P.s. Sorry I missed your call earlier, didnt even hear the phone ring. Will give ya a buzz in the morning but it's all good, nearly done now.


----------



## Nobby666 (Dec 9, 2005)

The r34gtr is stealth's old car. I want to know how he got the car there without getting snow in the tyre tread ? probably cleaned the tyres with his toothbrush sad man that he is


----------



## P3RV3RT (Aug 2, 2005)




----------



## freakazoid3 (Jan 19, 2008)

^^ LOl guess who's who 
Nice undercover look 

I which I could take pics of my R32 GTR in the snow, but she's tucked away warm and cousy in the garage


----------



## moz (Mar 22, 2005)

-----


----------



## Calv GTSt (Jun 30, 2002)

Giles
I have a high res tif of Ged's R32 in the snow from last years calandar (different from the one above), its a really nice pic though it is landscape, it could be cropped a bit, any good?

Calv


----------



## Snowfiend (Jul 11, 2006)

Nice one Calvin, can you email it over to me and I'll take a look ?


----------



## Calv GTSt (Jun 30, 2002)

I'll do it in the morning as its backed up at work :thumbsup:


----------



## stealth (Jul 6, 2004)

Yeah the 34 is my old car and I do still miss it :sadwavey:The light was really good that day in a strange sort of way .I really hope we get some more days like that this year ,I will be out with car and camera if we do .I find electric tooth brushes good for the snow on the tyres :chuckle:


----------



## jaycabs (Nov 16, 2007)

P3RV3RT said:


>


like a polar bear in the snow , just blends in :chuckle:


----------



## jaycabs (Nov 16, 2007)

i know this is a very poor picture but i still like the look of the angle of this one from a while back


----------



## Moff (Sep 27, 2004)

Love that 34.. Will try and get some pics of my Stagea in the snow tomorrow...


----------



## P3RV3RT (Aug 2, 2005)

By the way, that was at the Hotel next to the Nurburgring entrance last Easter.
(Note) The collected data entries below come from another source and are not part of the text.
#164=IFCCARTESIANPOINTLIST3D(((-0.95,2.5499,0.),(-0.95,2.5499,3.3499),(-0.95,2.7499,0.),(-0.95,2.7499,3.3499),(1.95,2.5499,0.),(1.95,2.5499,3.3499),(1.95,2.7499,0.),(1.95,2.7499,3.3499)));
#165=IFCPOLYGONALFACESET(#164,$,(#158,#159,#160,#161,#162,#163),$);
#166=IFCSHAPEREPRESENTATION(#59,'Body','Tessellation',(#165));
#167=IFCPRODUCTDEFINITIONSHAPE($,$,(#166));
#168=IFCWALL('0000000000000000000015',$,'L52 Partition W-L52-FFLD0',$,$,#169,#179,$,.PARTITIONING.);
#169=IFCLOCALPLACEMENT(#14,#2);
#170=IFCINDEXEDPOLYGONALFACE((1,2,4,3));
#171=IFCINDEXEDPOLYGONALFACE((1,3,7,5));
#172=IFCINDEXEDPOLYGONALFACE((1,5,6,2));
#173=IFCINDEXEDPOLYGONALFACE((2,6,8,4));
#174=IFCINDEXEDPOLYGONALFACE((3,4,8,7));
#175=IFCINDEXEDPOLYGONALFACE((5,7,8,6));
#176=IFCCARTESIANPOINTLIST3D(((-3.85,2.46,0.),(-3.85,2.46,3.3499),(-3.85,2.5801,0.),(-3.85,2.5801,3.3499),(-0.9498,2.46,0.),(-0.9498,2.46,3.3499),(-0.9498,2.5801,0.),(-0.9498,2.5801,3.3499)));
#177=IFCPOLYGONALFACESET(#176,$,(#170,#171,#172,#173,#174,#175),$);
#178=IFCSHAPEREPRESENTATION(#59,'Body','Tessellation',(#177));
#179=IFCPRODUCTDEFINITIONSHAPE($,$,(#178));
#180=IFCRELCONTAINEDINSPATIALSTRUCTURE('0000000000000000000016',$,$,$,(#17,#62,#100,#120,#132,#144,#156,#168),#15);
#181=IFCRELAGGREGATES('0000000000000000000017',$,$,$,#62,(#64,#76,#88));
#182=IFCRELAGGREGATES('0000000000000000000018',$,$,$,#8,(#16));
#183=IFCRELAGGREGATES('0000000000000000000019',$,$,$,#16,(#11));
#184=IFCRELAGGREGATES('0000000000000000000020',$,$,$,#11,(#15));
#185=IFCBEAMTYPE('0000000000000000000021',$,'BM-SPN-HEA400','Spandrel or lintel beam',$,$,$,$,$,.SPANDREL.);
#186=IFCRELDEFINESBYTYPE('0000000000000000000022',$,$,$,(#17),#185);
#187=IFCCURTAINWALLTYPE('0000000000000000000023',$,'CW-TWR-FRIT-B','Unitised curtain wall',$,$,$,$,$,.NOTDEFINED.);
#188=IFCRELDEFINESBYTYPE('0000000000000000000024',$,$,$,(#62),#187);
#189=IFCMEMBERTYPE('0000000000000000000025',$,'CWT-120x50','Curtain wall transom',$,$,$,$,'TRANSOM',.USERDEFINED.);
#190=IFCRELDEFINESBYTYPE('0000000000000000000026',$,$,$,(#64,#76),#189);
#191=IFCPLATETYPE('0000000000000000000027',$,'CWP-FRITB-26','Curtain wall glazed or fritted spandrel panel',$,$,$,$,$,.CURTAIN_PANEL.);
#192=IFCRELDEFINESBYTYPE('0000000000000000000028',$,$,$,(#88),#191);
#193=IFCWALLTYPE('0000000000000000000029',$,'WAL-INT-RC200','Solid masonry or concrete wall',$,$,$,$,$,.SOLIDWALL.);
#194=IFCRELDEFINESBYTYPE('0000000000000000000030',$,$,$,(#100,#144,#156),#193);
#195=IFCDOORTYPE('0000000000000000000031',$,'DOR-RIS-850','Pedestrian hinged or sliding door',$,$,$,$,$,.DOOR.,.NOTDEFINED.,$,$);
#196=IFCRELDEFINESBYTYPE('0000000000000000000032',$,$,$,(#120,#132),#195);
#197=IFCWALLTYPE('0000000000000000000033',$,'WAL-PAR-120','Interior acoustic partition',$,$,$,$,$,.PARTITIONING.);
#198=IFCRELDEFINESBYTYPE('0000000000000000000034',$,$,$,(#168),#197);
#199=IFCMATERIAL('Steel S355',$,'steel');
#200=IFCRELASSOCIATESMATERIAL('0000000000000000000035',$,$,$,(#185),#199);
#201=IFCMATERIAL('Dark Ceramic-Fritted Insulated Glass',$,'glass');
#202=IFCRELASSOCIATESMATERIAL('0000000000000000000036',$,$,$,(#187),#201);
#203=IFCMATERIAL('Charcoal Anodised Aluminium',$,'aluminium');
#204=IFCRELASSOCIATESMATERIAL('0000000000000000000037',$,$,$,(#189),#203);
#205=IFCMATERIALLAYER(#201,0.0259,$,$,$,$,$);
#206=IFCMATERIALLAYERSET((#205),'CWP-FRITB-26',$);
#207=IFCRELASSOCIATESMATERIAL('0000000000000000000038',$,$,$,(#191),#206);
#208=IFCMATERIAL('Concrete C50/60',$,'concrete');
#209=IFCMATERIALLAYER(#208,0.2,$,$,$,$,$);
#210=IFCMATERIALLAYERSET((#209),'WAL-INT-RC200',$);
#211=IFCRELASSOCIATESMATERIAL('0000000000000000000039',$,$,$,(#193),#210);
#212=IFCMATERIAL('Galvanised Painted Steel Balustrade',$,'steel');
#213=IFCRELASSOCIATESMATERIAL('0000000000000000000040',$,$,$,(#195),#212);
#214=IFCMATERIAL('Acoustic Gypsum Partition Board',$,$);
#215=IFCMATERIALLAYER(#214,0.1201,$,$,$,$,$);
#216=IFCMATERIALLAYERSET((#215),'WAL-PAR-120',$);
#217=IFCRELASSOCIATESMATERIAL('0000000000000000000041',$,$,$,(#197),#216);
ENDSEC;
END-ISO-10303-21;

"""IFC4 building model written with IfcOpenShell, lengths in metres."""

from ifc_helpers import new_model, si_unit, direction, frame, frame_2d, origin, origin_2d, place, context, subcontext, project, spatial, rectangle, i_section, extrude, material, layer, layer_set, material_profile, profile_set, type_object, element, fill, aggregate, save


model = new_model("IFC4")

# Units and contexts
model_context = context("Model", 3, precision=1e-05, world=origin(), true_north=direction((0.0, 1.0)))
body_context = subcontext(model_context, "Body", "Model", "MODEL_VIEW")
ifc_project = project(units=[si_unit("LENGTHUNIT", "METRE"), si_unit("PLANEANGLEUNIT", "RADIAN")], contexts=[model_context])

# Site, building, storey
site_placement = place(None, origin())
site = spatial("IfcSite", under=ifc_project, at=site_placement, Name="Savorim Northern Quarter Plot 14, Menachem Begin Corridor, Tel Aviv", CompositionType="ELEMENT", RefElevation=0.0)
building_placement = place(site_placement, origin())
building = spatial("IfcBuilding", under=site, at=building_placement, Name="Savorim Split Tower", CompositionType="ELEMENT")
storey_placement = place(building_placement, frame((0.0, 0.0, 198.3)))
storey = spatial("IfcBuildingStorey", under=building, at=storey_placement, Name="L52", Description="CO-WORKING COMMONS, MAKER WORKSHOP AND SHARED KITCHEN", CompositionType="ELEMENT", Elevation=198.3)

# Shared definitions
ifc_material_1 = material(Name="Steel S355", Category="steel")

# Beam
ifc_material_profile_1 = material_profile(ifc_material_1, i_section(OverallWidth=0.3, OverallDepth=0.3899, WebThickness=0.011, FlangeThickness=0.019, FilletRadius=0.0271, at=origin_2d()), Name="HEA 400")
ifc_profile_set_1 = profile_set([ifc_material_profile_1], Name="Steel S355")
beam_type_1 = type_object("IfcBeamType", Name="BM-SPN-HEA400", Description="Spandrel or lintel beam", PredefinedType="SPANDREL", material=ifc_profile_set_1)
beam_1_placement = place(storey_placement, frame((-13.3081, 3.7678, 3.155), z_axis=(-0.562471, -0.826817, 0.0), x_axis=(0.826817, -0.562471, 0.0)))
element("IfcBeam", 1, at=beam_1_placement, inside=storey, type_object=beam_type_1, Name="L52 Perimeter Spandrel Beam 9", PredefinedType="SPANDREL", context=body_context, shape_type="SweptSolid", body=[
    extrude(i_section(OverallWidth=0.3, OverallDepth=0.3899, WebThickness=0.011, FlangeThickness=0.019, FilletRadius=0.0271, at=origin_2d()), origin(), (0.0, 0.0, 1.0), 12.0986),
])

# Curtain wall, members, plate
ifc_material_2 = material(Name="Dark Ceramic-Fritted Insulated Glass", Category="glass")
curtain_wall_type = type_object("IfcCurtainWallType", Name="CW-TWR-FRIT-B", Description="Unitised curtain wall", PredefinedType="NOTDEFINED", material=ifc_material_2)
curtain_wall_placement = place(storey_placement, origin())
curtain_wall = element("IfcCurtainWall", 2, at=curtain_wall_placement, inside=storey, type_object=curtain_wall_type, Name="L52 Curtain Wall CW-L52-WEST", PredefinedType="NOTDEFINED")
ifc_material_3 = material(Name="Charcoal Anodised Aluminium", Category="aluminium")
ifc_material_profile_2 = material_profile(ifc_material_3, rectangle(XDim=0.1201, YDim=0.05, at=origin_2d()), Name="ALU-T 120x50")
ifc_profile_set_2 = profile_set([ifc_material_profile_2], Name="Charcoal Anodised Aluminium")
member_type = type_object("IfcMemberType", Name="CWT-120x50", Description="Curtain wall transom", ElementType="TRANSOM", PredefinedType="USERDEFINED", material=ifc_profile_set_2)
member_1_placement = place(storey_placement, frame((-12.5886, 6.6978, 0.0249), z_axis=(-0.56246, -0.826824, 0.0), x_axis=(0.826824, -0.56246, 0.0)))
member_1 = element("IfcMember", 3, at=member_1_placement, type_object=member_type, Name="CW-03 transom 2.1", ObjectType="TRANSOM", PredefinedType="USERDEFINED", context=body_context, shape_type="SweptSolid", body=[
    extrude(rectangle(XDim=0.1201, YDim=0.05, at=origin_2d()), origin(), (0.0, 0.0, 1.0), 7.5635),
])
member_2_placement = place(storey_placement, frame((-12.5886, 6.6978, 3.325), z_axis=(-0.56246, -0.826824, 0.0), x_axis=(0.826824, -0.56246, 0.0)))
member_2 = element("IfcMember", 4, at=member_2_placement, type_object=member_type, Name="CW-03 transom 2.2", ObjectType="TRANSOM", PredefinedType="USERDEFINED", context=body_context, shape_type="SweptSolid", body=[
We had some fun there, the feild up the road was very interetsing cause we went snow drifting!!!


----------



## Snowfiend (Jul 11, 2006)

Yeah it was mental at the Nurburgring last easter wasnt it. I took my snowboard gear with me and spent the Saturday hitting some of the make shift slopes with the local sledgers 

Was in the missus Scooby, nice sensible 4wd car, LOL.


----------



## Luvan (Nov 2, 2008)

Mine in the snow


----------



## knight (Mar 2, 2002)

Yep the 32 on Do Lucks is my old car

Giles, you have pm:thumbsup:


----------



## blue34 (Jul 28, 2005)

Luvan said:


> Mine in the snow


Looks great, I like the contrast with the black wheels and white bodywork and snow.
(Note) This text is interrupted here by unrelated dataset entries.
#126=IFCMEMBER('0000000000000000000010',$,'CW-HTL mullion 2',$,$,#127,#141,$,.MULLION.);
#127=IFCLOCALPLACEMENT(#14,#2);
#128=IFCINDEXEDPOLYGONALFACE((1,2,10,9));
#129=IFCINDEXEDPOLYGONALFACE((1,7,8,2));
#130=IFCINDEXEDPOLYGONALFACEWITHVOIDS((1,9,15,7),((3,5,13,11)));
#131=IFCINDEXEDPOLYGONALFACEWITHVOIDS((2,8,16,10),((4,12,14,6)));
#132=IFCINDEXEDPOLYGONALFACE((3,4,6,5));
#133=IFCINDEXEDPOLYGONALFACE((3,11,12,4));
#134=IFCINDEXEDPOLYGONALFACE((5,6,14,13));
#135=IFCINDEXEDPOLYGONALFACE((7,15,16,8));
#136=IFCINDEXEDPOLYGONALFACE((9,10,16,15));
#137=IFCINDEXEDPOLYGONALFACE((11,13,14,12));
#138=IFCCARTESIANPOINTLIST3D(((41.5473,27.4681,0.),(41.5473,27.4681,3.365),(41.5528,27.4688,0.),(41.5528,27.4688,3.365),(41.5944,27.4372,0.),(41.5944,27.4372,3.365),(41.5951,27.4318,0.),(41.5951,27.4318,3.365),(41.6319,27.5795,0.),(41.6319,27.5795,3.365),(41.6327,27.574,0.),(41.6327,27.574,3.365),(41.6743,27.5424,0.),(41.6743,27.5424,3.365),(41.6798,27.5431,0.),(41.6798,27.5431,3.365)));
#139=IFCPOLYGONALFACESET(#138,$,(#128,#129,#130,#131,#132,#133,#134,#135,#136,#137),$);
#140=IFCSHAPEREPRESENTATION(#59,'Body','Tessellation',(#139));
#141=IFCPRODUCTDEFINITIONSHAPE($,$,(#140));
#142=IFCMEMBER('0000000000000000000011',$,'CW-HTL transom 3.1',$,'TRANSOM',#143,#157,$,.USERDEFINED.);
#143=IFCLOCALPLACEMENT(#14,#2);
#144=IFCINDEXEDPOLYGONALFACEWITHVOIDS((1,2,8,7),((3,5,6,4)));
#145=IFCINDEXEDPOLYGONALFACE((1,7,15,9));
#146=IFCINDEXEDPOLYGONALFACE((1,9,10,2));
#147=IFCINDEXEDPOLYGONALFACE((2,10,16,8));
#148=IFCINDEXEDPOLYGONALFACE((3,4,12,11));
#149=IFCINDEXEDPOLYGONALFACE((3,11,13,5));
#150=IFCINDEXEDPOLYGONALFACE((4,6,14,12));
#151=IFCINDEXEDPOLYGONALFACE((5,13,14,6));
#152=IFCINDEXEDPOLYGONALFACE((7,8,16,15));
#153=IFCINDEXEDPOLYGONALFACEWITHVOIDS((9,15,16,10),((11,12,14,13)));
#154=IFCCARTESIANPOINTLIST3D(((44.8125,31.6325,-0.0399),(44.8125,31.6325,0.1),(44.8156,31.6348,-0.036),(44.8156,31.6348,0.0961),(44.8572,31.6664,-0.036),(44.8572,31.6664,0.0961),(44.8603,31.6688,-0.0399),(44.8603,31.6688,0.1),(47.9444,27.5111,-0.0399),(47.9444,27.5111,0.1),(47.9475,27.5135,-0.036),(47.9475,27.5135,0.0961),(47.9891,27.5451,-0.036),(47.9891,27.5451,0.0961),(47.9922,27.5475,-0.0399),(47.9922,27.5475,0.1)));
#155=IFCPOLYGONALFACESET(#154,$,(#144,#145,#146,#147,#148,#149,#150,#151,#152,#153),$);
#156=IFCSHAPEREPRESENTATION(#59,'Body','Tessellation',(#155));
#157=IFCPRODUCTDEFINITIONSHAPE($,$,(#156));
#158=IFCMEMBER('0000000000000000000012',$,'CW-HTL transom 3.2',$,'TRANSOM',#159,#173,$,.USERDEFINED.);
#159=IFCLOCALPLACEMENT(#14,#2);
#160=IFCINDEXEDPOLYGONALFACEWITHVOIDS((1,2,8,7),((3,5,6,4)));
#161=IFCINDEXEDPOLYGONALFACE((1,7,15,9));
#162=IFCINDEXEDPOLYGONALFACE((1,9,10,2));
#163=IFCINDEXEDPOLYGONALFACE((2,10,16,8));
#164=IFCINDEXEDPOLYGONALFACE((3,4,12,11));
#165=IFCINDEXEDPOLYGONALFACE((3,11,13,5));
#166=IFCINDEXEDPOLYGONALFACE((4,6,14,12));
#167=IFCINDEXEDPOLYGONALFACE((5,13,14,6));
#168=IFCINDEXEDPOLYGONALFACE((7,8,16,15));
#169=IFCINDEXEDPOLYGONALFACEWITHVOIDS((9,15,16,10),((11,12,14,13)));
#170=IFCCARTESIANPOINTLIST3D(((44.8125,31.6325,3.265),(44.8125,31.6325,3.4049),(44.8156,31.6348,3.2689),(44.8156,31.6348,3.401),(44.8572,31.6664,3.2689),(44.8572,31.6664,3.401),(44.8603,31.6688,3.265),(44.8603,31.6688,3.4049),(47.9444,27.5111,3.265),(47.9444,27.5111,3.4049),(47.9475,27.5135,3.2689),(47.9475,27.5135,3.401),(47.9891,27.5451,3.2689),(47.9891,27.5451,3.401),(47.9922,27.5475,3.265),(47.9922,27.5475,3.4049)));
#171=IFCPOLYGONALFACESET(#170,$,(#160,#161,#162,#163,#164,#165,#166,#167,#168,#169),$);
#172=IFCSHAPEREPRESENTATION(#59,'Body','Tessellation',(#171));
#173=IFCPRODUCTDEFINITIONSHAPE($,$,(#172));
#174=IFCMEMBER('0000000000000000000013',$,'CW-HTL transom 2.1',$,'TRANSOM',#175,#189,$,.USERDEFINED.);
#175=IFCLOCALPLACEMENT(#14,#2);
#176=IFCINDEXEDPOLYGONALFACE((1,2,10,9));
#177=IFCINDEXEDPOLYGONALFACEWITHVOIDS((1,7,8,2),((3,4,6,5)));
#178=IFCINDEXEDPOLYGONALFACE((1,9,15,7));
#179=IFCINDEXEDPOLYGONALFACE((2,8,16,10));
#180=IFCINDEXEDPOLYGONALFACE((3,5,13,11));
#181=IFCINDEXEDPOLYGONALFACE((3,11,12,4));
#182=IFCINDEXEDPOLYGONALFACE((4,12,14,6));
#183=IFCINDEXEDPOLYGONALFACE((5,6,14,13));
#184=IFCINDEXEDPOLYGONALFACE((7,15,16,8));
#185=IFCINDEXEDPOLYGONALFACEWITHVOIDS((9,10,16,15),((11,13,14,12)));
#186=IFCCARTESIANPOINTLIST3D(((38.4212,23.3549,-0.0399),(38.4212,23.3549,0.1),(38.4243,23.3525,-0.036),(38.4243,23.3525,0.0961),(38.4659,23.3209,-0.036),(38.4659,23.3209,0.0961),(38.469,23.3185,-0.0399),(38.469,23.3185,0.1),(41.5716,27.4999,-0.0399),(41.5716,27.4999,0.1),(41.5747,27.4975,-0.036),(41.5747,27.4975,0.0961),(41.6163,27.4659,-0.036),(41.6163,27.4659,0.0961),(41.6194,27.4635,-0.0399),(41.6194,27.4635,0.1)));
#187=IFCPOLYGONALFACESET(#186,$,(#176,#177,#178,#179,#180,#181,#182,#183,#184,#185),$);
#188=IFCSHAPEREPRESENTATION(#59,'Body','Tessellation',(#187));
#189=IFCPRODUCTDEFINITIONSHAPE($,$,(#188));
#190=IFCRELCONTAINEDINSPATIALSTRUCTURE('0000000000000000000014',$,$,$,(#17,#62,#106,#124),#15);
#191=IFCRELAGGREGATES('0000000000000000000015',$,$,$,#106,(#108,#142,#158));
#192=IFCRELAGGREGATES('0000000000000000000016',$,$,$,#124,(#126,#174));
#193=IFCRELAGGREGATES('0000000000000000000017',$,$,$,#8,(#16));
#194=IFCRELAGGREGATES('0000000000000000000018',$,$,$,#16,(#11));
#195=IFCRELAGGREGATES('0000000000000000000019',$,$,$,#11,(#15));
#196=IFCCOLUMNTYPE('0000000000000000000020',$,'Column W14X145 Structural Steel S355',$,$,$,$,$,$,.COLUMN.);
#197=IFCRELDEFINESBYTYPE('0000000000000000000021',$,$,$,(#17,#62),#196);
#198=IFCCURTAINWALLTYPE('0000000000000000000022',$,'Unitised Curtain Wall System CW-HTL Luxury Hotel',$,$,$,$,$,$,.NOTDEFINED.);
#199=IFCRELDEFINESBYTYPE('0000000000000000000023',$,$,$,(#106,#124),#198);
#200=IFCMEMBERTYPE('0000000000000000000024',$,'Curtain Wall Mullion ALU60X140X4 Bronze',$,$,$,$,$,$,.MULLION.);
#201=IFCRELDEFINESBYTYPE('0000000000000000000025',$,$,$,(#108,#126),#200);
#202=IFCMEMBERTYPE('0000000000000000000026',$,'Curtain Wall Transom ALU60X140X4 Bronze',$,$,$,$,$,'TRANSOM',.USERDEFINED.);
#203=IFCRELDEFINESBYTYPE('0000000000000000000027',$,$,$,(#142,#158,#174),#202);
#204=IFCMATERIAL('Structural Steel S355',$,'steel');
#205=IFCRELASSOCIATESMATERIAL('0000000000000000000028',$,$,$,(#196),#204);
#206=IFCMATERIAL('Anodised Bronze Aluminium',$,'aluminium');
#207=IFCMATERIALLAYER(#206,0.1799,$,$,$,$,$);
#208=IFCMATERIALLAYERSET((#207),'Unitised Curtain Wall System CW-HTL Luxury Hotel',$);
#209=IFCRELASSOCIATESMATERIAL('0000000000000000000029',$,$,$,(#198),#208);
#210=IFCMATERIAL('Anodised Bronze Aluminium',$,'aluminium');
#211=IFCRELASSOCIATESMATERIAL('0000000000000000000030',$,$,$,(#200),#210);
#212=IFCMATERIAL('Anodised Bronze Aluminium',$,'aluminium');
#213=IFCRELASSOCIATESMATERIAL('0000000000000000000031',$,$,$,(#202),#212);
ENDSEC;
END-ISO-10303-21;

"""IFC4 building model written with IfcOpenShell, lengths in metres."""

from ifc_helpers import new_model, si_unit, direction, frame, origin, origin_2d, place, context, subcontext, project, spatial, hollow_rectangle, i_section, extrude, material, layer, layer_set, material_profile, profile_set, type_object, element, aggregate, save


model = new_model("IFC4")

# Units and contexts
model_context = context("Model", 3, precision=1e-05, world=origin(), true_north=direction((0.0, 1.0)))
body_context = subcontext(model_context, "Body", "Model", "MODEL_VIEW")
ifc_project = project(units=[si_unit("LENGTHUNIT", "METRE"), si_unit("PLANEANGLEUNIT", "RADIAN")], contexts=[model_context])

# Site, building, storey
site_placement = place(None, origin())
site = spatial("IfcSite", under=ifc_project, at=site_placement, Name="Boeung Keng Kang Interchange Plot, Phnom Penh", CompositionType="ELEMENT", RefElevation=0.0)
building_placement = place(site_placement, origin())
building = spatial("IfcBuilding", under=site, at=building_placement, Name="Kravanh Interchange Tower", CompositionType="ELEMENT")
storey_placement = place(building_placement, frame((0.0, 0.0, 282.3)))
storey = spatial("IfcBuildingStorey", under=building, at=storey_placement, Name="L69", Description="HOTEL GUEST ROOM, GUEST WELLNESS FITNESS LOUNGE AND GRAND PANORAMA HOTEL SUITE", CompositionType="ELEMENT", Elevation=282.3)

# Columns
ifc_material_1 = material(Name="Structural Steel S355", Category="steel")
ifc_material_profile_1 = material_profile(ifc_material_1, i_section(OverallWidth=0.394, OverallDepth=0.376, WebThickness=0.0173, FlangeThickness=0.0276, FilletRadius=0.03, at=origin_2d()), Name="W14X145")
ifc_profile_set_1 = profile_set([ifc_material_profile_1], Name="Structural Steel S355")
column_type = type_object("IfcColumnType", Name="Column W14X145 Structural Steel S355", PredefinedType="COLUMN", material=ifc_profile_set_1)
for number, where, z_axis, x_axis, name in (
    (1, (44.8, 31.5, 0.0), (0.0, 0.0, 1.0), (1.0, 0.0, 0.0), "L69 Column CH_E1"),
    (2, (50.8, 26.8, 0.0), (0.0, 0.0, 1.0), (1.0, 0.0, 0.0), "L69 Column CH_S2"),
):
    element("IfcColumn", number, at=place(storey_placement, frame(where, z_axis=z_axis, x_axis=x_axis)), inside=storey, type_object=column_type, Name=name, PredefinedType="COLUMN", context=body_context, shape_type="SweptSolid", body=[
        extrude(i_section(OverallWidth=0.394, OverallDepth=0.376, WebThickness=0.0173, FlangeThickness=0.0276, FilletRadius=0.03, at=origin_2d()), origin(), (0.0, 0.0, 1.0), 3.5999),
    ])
I'd trade a good snow covering for our mix of salt and dirt and rain anyday!


----------



## liam gtr (Jan 29, 2007)

we camped at shakespear raceway back in april last year and this what we woke up to :chuckle:


----------



## G40tee (Feb 25, 2008)

ha no way! awesome


----------



## juhiss (Sep 12, 2006)

Lets repost these:


----------



## Moff (Sep 27, 2004)

Love those pics...

Snow has just started coming down here, and is forecast for the next couple of days, should get some pics soon 



juhiss said:


> Lets repost these:


----------



## DeanN (Jun 2, 2007)




----------



## Moff (Sep 27, 2004)

Nice, looks like you were doubling as a snow plough too


----------



## G4VSA (Oct 24, 2006)

I got some of mine in the snow from last yr i think, i will post them when i get a minute
Some of them pics look cool 

Snowfiend where abouts in kent you from?


----------



## jamesbilluk (Aug 10, 2006)

heres my R32 when I had it, very deep snow for england... first ones my favorite though




























James


----------



## cokey (Sep 11, 2003)

I remember some great R34 pics in the snow.
Searched and found the thread but pics are no longer hosted.
http://www.gtr.co.uk/forum/33960-hi-all.html
cheers cokey


----------



## endo (Jul 11, 2007)

Some snow on the border....


----------



## Taiquri (Jan 15, 2007)

We have littlebit snow here


----------



## Snowfiend (Jul 11, 2006)

Come on then chaps.....let's see your pictures today ! LOL


----------



## Madden (Nov 14, 2004)

There you go My snow man


----------



## endo (Jul 11, 2007)




----------



## knight (Mar 2, 2002)

Here you go Giles


----------



## Fuggles (Jul 3, 2001)

Today, this is my favourite button in my car 










Loads more pictures here if anyone is interested:
09snow pictures by jfuggles - Photobucket


----------



## DaveV (Feb 27, 2007)




----------



## RSVFOUR (May 1, 2006)

I have just been out and tried my snow button and yes it snowed some more. 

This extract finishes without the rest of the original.